一、缘由
听了朋友吹Lua的闭包实现,感觉Lua的闭包实现很优雅,之前也在网上看到一些关于python闭包的源码分析,但是好像很复杂的样子没有细细深究。所以现在好好分析一下。
二、开始
以这段代码开始(基于Python 3.4.4,CPython):
def f(x):
def add(value):
return x+value
return add
首先,我们要知道.py文件是会被编译成.pyc文件然后让Python 虚拟机执行。而Python虚拟机是基于栈帧的。那么这段代码是以什么形式存在的呢?是会以PyCodeOject的数据结构存在。Python会为每个Code Block产生一个PyCodeOject。Code Block是指进入一个名字空间,函数,import等都会产生Code Block。
以下是PyCodeObject的头文件,在PyCodeObject.h定义
/* Bytecode object */
typedef struct {
PyObject_HEAD
int co_argcount; /* #arguments, except *args */
int co_kwonlyargcount; /* #keyword only arguments */
int co_nlocals; /* #local variables */
int co_stacksize; /* #entries needed for evaluation stack */
int co_flags; /* CO_..., see below */
PyObject *co_code; /* instruction opcodes */
PyObject *co_consts; /* list (constants used) */
PyObject *co_names; /* list of strings (names used) */
PyObject *co_varnames; /* tuple of strings (local variable names) */
PyObject *co_freevars; /* tuple of strings (free variable names) */
PyObject *co_cellvars; /* tuple of strings (cell variable names) */
/* The rest doesn't count for hash or comparisons */
unsigned char *co_cell2arg; /* Maps cell vars which are arguments. */
PyObject *co_filename; /* unicode (where it was loaded from) */
PyObject *co_name; /* unicode (name, for reference) */
int co_firstlineno; /* first source line number */
PyObject *co_lnotab; /* string (encoding addr<->lineno mapping) See
Objects/lnotab_notes.txt for details. */
void *co_zombieframe; /* for optimization only (see frameobject.c) */
PyObject *co_weakreflist; /* to support weakrefs to code objects */
} PyCodeObject;
我们关心两个变量,
co_freevars
和
co_cellvars。
co_freevars是嵌套函数保存外层作用域的变量名集合,co_cellvars是外层函数保存被嵌套函数使用的变量名集合。
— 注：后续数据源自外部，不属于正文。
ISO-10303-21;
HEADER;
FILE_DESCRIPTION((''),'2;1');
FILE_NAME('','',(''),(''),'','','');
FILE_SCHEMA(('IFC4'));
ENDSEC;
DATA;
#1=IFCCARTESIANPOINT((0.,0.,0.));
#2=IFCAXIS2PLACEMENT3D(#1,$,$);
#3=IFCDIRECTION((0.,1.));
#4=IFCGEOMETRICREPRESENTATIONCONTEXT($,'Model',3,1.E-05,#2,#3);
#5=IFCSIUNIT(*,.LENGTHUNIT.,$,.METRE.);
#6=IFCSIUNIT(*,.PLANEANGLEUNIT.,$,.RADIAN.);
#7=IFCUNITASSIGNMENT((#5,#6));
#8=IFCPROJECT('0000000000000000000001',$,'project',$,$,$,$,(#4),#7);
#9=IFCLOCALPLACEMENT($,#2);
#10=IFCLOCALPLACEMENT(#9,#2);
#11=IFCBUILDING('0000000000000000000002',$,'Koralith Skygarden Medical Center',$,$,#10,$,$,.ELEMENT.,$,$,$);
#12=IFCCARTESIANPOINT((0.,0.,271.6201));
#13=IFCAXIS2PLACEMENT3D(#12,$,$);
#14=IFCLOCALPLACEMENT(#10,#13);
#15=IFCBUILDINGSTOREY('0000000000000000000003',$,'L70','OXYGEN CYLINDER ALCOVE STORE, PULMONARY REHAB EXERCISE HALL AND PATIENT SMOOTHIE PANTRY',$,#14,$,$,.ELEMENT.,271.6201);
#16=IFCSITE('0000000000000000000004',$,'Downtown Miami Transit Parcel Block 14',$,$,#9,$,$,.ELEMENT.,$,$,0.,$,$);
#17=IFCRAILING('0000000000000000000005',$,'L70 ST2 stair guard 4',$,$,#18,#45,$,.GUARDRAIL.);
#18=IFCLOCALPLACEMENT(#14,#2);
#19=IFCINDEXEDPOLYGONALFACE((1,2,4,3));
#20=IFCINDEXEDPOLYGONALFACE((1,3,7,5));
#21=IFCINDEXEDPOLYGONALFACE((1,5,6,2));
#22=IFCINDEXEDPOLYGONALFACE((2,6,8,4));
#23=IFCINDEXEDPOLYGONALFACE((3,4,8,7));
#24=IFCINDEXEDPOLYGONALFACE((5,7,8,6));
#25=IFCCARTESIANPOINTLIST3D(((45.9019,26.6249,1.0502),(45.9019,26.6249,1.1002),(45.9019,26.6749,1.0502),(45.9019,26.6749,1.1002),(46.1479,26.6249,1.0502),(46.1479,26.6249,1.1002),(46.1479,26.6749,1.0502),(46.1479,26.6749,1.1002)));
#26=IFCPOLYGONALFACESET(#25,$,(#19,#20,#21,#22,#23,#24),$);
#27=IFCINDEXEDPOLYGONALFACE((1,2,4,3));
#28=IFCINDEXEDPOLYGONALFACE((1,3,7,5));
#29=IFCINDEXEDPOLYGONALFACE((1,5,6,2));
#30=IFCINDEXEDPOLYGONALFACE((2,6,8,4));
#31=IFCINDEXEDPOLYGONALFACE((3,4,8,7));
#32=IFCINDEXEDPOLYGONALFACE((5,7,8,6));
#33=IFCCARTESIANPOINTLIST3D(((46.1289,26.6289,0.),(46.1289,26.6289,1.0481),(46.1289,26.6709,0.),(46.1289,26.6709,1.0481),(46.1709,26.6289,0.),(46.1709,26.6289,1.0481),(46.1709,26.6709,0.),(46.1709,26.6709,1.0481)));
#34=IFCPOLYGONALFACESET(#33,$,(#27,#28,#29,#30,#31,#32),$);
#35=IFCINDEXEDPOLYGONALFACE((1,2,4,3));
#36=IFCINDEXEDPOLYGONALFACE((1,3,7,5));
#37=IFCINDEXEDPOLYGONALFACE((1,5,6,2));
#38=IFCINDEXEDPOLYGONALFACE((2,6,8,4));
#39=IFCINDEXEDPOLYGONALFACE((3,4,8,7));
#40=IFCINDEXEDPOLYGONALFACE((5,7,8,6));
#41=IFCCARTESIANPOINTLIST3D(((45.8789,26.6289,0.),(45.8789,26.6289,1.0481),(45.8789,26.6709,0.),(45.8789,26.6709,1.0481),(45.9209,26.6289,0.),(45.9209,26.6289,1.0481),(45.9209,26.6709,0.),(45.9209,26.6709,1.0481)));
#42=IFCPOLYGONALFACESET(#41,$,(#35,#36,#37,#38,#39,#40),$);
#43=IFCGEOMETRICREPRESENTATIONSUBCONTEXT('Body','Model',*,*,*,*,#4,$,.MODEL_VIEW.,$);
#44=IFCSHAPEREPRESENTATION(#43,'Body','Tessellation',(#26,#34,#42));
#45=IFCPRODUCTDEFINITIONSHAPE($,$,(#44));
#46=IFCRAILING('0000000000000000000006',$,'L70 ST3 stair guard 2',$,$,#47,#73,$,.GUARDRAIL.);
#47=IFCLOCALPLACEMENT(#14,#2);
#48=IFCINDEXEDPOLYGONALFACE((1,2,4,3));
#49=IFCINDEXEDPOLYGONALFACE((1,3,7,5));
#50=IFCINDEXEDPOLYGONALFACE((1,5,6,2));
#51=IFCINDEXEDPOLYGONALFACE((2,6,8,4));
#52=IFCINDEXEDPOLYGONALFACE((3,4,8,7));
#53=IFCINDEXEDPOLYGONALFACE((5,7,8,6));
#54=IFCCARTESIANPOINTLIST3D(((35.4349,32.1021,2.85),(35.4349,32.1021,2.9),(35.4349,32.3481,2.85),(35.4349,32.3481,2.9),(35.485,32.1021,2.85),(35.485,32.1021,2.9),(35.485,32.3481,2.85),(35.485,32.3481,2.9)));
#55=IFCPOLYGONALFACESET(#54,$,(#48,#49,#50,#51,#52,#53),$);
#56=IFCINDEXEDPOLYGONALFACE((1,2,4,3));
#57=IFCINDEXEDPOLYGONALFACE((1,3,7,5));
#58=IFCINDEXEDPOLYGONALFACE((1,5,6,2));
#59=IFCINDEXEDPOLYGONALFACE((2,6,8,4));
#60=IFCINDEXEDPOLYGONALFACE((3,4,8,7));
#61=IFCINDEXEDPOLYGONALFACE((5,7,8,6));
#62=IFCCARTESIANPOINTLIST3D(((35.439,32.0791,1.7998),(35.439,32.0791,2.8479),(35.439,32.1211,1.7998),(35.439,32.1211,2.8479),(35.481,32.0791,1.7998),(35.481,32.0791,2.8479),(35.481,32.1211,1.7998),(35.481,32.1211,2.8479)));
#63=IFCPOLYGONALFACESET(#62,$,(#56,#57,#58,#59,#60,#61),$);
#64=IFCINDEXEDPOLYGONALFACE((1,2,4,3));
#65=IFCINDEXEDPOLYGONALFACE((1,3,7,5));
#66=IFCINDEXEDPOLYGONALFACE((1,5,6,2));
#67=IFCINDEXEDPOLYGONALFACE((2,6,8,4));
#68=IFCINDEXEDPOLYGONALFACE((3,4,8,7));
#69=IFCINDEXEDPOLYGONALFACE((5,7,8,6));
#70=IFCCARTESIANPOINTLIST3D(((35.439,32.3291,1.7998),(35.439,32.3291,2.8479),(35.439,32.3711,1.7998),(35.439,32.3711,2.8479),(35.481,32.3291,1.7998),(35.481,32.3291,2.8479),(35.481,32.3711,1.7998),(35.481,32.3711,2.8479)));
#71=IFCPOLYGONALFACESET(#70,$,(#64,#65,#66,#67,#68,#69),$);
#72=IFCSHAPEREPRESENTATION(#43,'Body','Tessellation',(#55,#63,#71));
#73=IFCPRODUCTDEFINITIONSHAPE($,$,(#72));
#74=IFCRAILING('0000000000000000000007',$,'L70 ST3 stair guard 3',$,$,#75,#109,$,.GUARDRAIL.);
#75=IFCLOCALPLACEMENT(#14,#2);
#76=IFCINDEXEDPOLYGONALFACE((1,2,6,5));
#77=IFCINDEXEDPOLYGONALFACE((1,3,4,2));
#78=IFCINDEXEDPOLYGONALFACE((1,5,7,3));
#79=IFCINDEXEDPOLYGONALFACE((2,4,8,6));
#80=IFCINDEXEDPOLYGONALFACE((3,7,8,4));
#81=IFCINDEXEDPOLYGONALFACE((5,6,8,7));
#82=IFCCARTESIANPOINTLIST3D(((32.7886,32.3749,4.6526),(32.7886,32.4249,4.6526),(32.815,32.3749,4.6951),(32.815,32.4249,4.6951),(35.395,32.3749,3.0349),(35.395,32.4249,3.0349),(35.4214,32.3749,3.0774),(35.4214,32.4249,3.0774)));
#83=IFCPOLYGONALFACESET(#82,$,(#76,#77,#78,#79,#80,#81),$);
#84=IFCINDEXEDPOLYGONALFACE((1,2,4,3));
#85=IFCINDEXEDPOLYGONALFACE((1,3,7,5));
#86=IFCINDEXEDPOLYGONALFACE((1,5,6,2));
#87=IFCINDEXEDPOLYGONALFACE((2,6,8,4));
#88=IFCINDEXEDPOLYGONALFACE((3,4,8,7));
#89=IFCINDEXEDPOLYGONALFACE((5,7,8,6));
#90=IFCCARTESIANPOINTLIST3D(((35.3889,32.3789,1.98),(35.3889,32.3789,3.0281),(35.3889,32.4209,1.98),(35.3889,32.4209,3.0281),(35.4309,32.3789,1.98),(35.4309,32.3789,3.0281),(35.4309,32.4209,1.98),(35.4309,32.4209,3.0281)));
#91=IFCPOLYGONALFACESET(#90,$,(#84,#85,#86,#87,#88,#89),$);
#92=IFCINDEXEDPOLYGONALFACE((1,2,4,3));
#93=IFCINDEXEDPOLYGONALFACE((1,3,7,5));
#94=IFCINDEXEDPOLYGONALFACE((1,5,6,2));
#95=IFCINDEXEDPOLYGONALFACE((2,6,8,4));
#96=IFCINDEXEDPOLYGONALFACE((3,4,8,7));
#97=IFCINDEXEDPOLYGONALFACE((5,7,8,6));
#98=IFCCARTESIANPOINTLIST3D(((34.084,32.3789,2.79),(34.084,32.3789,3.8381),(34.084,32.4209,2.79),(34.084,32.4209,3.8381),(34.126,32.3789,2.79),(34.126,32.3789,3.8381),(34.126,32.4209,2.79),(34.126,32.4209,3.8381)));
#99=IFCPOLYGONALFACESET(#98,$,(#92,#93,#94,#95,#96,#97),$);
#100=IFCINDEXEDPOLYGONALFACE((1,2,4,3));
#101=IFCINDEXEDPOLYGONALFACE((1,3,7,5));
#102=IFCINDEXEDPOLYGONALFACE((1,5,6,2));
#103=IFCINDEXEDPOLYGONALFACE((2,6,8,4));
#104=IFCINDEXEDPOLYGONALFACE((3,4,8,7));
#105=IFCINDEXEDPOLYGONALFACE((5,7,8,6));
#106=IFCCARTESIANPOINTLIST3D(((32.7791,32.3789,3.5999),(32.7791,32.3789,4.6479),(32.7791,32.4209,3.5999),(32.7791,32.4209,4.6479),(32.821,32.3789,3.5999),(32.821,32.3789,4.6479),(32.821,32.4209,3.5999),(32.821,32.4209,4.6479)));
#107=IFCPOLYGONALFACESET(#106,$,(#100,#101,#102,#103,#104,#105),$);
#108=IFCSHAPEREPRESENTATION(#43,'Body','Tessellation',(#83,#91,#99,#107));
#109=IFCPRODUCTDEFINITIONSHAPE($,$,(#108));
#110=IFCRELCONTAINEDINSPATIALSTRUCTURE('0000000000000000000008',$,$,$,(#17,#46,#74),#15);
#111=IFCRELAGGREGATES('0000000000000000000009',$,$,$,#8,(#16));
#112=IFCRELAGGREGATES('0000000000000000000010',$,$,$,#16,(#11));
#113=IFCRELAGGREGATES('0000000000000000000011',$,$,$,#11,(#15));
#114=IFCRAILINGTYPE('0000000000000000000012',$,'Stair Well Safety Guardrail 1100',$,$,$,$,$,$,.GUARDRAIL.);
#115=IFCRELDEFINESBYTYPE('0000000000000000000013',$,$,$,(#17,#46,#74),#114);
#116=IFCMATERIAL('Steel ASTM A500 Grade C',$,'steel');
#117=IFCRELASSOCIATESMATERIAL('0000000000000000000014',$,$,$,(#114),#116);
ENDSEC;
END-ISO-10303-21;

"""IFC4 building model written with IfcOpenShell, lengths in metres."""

from ifc_helpers import new_model, si_unit, direction, frame, origin, origin_2d, place, context, subcontext, project, spatial, rectangle, extrude, material, type_object, element, save


model = new_model("IFC4")

# Units and contexts
model_context = context("Model", 3, precision=1e-05, world=origin(), true_north=direction((0.0, 1.0)))
body_context = subcontext(model_context, "Body", "Model", "MODEL_VIEW")
ifc_project = project(units=[si_unit("LENGTHUNIT", "METRE"), si_unit("PLANEANGLEUNIT", "RADIAN")], contexts=[model_context])

# Site, building, storey
site_placement = place(None, origin())
site = spatial("IfcSite", under=ifc_project, at=site_placement, Name="Downtown Miami Transit Parcel Block 14", CompositionType="ELEMENT", RefElevation=0.0)
building_placement = place(site_placement, origin())
building = spatial("IfcBuilding", under=site, at=building_placement, Name="Koralith Skygarden Medical Center", CompositionType="ELEMENT")
storey_placement = place(building_placement, frame((0.0, 0.0, 271.6201)))
storey = spatial("IfcBuildingStorey", under=building, at=storey_placement, Name="L70", Description="OXYGEN CYLINDER ALCOVE STORE, PULMONARY REHAB EXERCISE HALL AND PATIENT SMOOTHIE PANTRY", CompositionType="ELEMENT", Elevation=271.6201)

# Railings
ifc_material_1 = material(Name="Steel ASTM A500 Grade C", Category="steel")
railing_type_1 = type_object("IfcRailingType", Name="Stair Well Safety Guardrail 1100", PredefinedType="GUARDRAIL", material=ifc_material_1)
railing_1_placement = place(storey_placement, frame((46.1499, 26.6499, 0.0)))
element("IfcRailing", 1, at=railing_1_placement, inside=storey, type_object=railing_type_1, Name="L70 ST2 stair guard 4", PredefinedType="GUARDRAIL", context=body_context, shape_type="SweptSolid", body=[
    extrude(rectangle(XDim=0.05, YDim=0.05, at=origin_2d()), frame((-0.002, 0.0, 1.0752), z_axis=(-1.0, 0.0, 0.0), x_axis=(0.0, -1.0, 0.0)), (0.0, 0.0, 1.0), 0.2461),
    extrude(rectangle(XDim=0.042, YDim=0.042, at=origin_2d()), origin(), (0.0, 0.0, 1.0), 1.0481),
    extrude(rectangle(XDim=0.042, YDim=0.042, at=origin_2d()), frame((-0.25, 0.0, 0.0)), (0.0, 0.0, 1.0), 1.0481),
])
railing_2_placement = place(storey_placement, frame((35.46, 32.1001, 1.7998)))
element("IfcRailing", 2, at=railing_2_placement, inside=storey, type_object=railing_type_1, Name="L70 ST3 stair guard 2", PredefinedType="GUARDRAIL", context=body_context, shape_type="SweptSolid", body=[
    extrude(rectangle(XDim=0.05, YDim=0.05, at=origin_2d()), frame((0.0, 0.002, 1.0752), z_axis=(0.0, 1.0, 0.0), x_axis=(-1.0, 0.0, 0.0)), (0.0, 0.0, 1.0), 0.2461),
    extrude(rectangle(XDim=0.042, YDim=0.042, at=origin_2d()), origin(), (0.0, 0.0, 1.0), 1.0481),
    extrude(rectangle(XDim=0.042, YDim=0.042, at=origin_2d()), frame((0.0, 0.25, 0.0)), (0.0, 0.0, 1.0), 1.0481),
])
railing_3_placement = place(storey_placement, frame((35.4099, 32.3999, 1.98)))
element("IfcRailing", 3, at=railing_3_placement, inside=storey, type_object=railing_type_1, Name="L70 ST3 stair guard 3", PredefinedType="GUARDRAIL", context=body_context, shape_type="SweptSolid", body=[
    extrude(rectangle(XDim=0.05, YDim=0.05, at=origin_2d()), frame((-0.0017, 0.0, 1.0762), z_axis=(-0.849646, 0.0, 0.527353), x_axis=(0.0, -1.0, 0.0)), (0.0, 0.0, 1.0), 3.0676),
    extrude(rectangle(XDim=0.042, YDim=0.042, at=origin_2d()), origin(), (0.0, 0.0, 1.0), 1.0481),
    extrude(rectangle(XDim=0.042, YDim=0.042, at=origin_2d()), frame((-1.3049, 0.0, 0.8101)), (0.0, 0.0, 1.0), 1.0481),
    extrude(rectangle(XDim=0.042, YDim=0.042, at=origin_2d()), frame((-2.6099, 0.0, 1.6199)), (0.0, 0.0, 1.0), 1.0481),
])

save(model, "model.ifc")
而且这两者是在编译期是已经确定下来的了。
def f(x):
def add(value):
return x+value
print("add co_cellvars:"+"".join(add.__code__.co_cellvars)) # add co_cellvars:
print("add co_freevars:"+"".join(add.__code__.co_freevars)) # add co_freevars:x
return add
print("f co_cellvars:"+"".join(f.__code__.co_cellvars)) # f co_cellvars:x
print("f co_freevars:"+"".join(f.__code__.co_freevars)) # f co_freevars:
但是只是保存了变量名有什么用呢?关键是值是怎么传递进去的,即x的值是怎么传递到嵌套函数add里面,还有嵌套函数add是如何取得x的值。
三、从f(5)继续出发,
当执行f(5)进行函数调用的时候,是调用指令CALL_FUNCTION(ceval.c里面)->执行call_function(&sp, oparg, &intr0, &intr1)->fast_function(func, pp_stack, n, na, nk); fast_function函数里面我们关注这代码
return PyEval_EvalCodeEx((PyObject*)co, globals,
(PyObject *)NULL, (*pp_stack)-n, na,
(*pp_stack)-2*nk, nk, d, nd, kwdefs,
PyFunction_GET_CLOSURE(func));
PyEval_EvalCodeEx函数中关注了这些段代码。
f = PyFrame_New(tstate, co, globals, locals);
.....
for (i = 0; i < PyTuple_GET_SIZE(co->co_cellvars); ++i) {
PyObject *c;
int arg;
/* Possibly account for the cell variable being an argument. */
if (co->co_cell2arg != NULL &&
(arg = co->co_cell2arg[i]) != CO_CELL_NOT_AN_ARG) {
c = PyCell_New(GETLOCAL(arg));
/* Clear the local copy. */
SETLOCAL(arg, NULL);
}
else {
c = PyCell_New(NULL);//用来占位置,因为如果cellvars不是参数,python用STORE_DEREF指令在外部进行赋值
}
if (c == NULL)
goto fail;
SETLOCAL(co->co_nlocals + i, c);//保存在f->localsplus中
}
......
retval = PyEval_EvalFrameEx(f,0);
这两段代码第一是生成一个PyFrameObject对象 f。第二,就是发现co_cell2arg不为空的时候,将arg的值(即5)用PyCellObject包起来,然后放到f->localsplus中。co_cell2arg顾名思义就是用来做参数的cellvars。接下来看看PyFrameObject(在Frameobject.h)
typedef struct _frame {
PyObject_VAR_HEAD
struct _frame *f_back; /* previous frame, or NULL */
PyCodeObject *f_code; /* code segment */
PyObject *f_builtins; /* builtin symbol table (PyDictObject) */
PyObject *f_globals; /* global symbol table (PyDictObject) */
PyObject *f_locals; /* local symbol table (any mapping) */
PyObject **f_valuestack; /* points after the last local */
.....
PyObject *f_localsplus[1]; /* locals+stack, dynamically sized */
} PyFrameObject;
Python虚拟机的原理就是模拟可执行程序再X86机器上的运行,而这个数据结构就是python虚拟机模拟栈帧操作的关键,X86的运行时栈帧如下图:
接下来就是执行PyEval_EvalFrameEx函数,这个函数顾名思义就是求PyFrameObject的值,这里需要opcode帮忙,我们可以通过dis.dis(f)来获得
dis.dis(f)
'''
3 0 LOAD_CLOSURE 0 (x)
3 BUILD_TUPLE 1
6 LOAD_CONST 1 (<code object add at 0x023AB7A0, file "test.py", line 3>)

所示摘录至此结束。